Nagel sagte, er sei nach wie vor zuversichtlich, dass das Land jede Krise überwinden könne, und sagte: „Die Vergangenheit zeigt, dass Deutschland, wenn es Schmerzen verspürt, sich ändern wird.“
Er hob Diskussionen über die Reform der verfassungsmäßigen Schuldenbremse als Beispiel dafür hervor, wie Deutschland damit umgehen könnte.
„Wir können darüber nachdenken, zwischen Konsumausgaben und Investitionen zu unterscheiden, um auf der strukturellen Investitionsseite mehr Spielraum zu erhalten“, sagte er und wies darauf hin, dass die deutsche Verschuldung im Verhältnis zum BIP deutlich gesunken sei und sich dem von den Stabilitäts- und Wachstumspaktregeln der EU festgelegten Niveau von 60 Prozent nähere.

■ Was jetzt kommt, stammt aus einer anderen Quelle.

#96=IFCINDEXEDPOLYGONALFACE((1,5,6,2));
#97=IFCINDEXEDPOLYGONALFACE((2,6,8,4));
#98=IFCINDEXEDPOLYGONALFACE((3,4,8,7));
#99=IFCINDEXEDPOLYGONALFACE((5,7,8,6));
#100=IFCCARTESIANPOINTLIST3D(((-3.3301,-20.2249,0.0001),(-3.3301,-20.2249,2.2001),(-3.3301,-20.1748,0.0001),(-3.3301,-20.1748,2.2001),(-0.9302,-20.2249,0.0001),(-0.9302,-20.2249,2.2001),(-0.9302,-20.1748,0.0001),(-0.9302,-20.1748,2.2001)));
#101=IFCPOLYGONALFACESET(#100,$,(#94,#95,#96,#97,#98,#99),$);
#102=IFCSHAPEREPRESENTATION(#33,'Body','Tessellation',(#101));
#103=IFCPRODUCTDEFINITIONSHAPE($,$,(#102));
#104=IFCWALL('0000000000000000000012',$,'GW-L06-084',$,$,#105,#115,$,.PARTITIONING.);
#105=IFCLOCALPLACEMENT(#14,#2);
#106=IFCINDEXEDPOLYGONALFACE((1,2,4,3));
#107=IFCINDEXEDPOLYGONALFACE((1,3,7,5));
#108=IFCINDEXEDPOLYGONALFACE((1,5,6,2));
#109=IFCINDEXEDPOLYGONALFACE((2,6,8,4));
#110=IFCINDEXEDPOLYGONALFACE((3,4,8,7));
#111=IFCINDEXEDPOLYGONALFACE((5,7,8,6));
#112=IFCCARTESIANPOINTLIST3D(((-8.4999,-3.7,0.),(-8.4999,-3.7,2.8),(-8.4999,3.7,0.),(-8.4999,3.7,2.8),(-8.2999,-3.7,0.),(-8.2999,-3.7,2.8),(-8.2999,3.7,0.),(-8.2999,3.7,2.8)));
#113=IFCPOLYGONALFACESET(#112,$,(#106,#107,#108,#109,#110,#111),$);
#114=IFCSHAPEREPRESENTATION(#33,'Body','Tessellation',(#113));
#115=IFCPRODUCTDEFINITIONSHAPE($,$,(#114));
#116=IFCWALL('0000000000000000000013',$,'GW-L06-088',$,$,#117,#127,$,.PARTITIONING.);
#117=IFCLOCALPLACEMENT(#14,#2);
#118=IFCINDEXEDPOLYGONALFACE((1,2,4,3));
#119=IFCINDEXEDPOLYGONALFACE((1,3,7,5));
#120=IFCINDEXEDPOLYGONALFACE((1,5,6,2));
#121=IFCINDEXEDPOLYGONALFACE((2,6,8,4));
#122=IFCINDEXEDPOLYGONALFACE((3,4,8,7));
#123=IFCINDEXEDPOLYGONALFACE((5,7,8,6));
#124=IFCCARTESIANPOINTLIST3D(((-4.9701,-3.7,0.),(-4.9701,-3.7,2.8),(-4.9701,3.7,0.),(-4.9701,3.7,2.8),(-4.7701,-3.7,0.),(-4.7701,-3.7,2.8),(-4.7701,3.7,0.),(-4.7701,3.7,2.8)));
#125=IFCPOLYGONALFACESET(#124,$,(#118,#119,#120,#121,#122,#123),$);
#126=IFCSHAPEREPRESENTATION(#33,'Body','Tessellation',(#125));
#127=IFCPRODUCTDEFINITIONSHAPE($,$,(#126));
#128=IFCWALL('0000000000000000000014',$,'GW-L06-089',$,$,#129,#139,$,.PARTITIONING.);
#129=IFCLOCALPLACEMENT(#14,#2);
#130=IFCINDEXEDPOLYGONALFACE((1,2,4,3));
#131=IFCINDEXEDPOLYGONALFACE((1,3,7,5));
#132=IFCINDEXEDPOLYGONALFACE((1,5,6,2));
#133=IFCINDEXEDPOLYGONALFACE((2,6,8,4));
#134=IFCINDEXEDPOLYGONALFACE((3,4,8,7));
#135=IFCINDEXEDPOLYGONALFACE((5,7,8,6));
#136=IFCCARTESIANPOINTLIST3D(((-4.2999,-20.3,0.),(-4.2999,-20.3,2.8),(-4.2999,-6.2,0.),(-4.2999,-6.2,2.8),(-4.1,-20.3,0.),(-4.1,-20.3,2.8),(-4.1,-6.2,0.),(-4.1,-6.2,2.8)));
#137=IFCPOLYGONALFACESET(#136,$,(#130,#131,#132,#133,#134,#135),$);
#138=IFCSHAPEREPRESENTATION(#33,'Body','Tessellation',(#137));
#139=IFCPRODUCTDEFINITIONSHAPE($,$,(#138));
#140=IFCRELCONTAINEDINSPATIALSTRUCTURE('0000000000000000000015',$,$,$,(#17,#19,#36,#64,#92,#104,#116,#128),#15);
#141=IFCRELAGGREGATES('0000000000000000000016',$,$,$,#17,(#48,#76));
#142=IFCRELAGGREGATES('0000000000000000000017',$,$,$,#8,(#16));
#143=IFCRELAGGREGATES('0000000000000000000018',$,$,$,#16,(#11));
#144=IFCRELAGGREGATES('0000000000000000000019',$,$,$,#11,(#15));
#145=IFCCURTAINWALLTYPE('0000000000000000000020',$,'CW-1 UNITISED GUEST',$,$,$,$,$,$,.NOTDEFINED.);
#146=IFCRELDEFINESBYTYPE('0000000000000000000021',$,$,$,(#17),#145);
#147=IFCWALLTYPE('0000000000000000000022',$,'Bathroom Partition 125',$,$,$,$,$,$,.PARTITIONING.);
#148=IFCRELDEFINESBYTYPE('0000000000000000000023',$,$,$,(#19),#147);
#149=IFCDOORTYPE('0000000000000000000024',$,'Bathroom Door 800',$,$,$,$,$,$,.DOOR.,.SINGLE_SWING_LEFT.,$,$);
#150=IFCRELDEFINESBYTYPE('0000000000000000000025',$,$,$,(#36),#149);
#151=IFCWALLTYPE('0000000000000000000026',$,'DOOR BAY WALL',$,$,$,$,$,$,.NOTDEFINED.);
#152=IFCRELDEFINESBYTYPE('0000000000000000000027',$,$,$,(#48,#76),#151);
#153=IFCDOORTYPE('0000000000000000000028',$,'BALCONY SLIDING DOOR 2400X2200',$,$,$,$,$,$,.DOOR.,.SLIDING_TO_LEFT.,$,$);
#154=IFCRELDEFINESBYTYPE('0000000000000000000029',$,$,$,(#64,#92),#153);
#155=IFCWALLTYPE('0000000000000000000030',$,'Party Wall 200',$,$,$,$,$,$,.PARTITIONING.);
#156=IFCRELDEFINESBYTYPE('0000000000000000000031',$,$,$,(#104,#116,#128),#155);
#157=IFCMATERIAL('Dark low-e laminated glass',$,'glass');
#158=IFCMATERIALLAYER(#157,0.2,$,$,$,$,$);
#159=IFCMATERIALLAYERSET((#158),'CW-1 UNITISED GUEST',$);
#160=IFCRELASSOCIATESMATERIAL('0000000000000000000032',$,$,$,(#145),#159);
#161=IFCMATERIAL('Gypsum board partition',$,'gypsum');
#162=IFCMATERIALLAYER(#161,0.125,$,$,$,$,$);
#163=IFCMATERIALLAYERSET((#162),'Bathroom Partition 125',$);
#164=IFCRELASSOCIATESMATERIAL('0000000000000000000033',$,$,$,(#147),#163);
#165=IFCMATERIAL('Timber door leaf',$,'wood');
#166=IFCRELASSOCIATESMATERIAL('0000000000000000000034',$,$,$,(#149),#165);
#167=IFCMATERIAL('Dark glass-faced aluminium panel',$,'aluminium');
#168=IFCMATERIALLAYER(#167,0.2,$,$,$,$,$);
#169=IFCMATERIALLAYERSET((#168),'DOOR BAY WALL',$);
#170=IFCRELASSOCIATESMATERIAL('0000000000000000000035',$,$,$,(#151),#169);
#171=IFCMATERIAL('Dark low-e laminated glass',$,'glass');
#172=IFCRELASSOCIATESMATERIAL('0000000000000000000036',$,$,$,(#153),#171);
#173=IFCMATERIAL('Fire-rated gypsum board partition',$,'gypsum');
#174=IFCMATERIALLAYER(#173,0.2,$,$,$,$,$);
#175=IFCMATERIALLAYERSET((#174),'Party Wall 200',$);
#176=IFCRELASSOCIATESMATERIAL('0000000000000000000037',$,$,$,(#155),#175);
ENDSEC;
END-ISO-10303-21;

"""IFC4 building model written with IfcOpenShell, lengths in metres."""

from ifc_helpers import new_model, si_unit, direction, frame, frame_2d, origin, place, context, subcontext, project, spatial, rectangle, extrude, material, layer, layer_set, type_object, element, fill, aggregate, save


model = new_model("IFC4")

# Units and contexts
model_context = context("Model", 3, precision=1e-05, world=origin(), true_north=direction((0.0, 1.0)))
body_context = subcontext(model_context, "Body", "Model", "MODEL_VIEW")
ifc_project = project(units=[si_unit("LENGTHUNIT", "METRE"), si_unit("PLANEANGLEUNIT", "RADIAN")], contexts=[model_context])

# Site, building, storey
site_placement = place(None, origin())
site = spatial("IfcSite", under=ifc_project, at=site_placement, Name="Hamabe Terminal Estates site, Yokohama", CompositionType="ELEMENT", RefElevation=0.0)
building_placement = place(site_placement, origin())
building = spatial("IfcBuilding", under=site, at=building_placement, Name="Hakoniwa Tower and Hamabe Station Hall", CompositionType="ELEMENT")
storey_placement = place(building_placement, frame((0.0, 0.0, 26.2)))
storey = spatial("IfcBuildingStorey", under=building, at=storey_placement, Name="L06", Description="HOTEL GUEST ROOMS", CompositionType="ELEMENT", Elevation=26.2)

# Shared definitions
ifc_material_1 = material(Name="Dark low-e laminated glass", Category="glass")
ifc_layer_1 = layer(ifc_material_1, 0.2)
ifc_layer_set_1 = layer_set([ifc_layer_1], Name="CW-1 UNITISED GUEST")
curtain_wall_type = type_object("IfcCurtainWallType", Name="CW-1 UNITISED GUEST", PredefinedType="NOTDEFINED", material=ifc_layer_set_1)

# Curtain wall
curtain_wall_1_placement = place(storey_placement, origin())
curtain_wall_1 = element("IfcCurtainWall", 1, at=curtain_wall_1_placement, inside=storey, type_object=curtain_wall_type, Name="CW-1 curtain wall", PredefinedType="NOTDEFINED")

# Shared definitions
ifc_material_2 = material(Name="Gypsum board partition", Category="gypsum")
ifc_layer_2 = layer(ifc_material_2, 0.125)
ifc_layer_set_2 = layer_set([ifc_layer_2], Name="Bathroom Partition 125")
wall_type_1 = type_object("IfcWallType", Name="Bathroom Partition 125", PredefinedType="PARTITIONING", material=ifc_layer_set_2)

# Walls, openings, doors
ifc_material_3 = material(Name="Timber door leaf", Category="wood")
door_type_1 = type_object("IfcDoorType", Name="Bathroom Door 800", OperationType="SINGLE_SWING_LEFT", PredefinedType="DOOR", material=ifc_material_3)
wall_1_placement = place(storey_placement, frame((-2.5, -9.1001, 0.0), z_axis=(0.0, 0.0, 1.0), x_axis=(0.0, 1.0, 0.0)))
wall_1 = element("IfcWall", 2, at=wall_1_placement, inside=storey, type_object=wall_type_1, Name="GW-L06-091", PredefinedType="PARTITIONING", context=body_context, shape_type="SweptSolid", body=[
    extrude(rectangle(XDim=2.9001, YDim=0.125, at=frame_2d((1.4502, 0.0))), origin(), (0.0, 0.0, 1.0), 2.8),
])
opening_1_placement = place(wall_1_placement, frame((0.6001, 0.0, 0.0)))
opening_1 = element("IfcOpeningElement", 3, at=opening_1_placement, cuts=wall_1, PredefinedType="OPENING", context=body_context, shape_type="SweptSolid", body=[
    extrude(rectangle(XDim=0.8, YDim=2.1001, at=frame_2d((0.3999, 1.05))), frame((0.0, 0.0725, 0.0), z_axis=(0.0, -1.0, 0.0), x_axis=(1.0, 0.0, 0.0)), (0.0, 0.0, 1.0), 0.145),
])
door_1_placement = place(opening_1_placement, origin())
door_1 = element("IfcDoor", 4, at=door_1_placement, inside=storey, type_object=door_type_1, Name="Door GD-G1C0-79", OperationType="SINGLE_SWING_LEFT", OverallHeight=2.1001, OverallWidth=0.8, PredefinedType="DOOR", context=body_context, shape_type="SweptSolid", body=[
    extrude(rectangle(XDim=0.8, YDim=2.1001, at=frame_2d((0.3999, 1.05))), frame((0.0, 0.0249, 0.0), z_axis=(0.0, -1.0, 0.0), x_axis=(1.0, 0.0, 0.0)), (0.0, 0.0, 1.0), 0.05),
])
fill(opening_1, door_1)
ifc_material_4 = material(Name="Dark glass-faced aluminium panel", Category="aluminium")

Die Unfähigkeit, die Ausgabenbedürfnisse mit dem begrenzten finanziellen Spielraum, der durch die Schuldenbremse geschaffen wurde, in Einklang zu bringen, war ein Hauptgrund für den Zusammenbruch der gescheiterten Dreierkoalition von Scholz zwischen den Sozialdemokraten, den Grünen und den Freien Demokraten im letzten Monat.
Im Vorfeld der voraussichtlichen vorgezogenen Wahl im Februar ist eine Überarbeitung der strengen Schuldenobergrenze zu einem zentralen Thema geworden. Der Oppositionsführer und wahrscheinlichste Kandidat für den Kanzlerposten, der Vorsitzende der Christlich Demokratischen Union, Friedrich Merz, hat angedeutet, dass er für begrenzte Reformen der Schuldenbremse offen sein könnte.
Die Bundesbank brachte erstmals 2022 Ideen zur Reform der Schuldenbremse ins Spiel.
Nagel sagte im März, dass Deutschland in bestimmten Zeiträumen „leicht“ höhere Defizite fahren könne, ohne die Stabilität zu gefährden.
Nagel räumte ein, dass die Schuldenbremse, die 2009 beschlossen wurde, nachdem die öffentliche Verschuldung in der Folge der globalen Finanzkrise dramatisch angestiegen war, „ein sehr hilfreiches Instrument“ gewesen sei. Während der Eurokrise habe die Bremse auch die Botschaft vermittelt, „dass Regierungen ihre Schulden- und Defizitsituation unter Kontrolle bringen müssen“.